UC Irvine

Combination therapies have improved outcomes for patients with acute myeloid leukemia (AML). However, these patients still have poor overall survival. Although many combination therapies are identified with high-throughput screening (HTS), these approaches are constrained to disease models that can be grown in large volumes (e.g., immortalized cell lines), which have limited translational utility. To identify more effective and personalized treatments, we need better strategies for screening and exploring potential combination therapies.

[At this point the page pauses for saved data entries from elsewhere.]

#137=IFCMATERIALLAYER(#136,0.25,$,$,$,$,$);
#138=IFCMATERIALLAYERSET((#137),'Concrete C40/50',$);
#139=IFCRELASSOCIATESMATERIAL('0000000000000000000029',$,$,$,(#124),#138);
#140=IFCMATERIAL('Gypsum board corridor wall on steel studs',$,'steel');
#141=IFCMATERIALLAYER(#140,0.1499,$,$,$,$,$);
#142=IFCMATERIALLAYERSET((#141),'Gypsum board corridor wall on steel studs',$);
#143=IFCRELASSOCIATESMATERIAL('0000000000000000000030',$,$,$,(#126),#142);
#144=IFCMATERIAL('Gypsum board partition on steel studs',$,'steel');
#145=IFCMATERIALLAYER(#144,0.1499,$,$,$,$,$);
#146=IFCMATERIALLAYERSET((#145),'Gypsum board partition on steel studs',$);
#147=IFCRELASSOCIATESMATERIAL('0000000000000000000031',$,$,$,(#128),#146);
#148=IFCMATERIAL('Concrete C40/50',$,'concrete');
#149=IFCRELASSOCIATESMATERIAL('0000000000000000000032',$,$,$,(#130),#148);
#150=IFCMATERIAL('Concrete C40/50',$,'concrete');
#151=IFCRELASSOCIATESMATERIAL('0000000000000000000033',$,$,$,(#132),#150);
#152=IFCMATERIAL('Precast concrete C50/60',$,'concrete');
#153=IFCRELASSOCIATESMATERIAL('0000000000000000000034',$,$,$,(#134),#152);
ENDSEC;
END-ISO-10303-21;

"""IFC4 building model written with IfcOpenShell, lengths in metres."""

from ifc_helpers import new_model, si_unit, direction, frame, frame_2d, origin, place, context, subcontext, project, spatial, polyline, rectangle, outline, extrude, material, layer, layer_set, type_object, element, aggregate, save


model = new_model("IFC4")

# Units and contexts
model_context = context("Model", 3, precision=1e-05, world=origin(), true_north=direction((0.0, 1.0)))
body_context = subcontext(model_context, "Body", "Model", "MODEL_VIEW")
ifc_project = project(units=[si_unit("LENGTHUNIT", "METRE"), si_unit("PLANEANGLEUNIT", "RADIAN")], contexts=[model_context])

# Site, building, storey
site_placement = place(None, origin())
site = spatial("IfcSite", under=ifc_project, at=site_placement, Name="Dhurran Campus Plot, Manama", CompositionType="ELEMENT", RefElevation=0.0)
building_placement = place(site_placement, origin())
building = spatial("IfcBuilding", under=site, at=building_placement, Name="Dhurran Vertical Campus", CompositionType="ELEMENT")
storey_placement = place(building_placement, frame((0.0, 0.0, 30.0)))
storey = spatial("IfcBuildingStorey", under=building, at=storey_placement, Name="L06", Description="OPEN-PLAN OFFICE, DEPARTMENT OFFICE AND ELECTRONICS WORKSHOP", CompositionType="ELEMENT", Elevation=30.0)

In this work, our objective was to develop an HTS platform for identifying effective combination therapies with highly translatable ex vivo disease models that use size-limited, primary samples from patients with leukemia (AML and myelodysplastic syndrome). We developed a system, ComboFlow, that comprises three main components: MiniFlow, ComboPooler, and AutoGater. MiniFlow conducts ex vivo drug screening with a miniaturized flow-cytometry assay that uses minimal amounts of patient sample to maximize throughput. ComboPooler incorporates computational methods to design efficient screens of pooled drug combinations. AutoGater is an automated gating classifier for flow cytometry that uses machine learning to rapidly analyze the large datasets generated by the assay. By integrating these three tools, we used ComboFlow to efficiently screen over 3000 drug combinations across 20 patient samples using only 6 million cells per patient sample. ComboFlow identified known synergies as well as a novel synergistic drug combination, dactinomycin and fludarabine, that specifically kills leukemic cells in a subset of AML samples. ComboFlow enables exploration of massive landscapes of drug combinations that were previously inaccessible in ex vivo models. We envision that ComboFlow can be used to discover more effective and personalized combination of small molecule therapies for cancers amenable to ex vivo models.

Lastly, to move beyond the discovery of synergistic small molecule therapies, we then developed a “priming” therapy approach to identify more effective combinations for antigen directed therapies (like mABs, ADCs, and CAR-Ts). With this approach, “priming” agents are used to selectively enhance the expression of antigen targets on cancerous cells while sparing healthy tissue. By amplifying the difference in antigen expression level between cancerous and healthy cells, priming agents can potentially increase the sensitivity of cancerous cells to antigen directed therapy and improve their therapeutic window. We show that HTS flow cytometry assays can be used to screen for priming agents that modulate expression levels of antigen targets for hematologic malignancies. We further identify priming agents that restore expression of cancer antigens that are lost after treatment with antigen directed therapy and demonstrate that priming is a powerful combination approach for improving the efficacy of antigen directed therapies.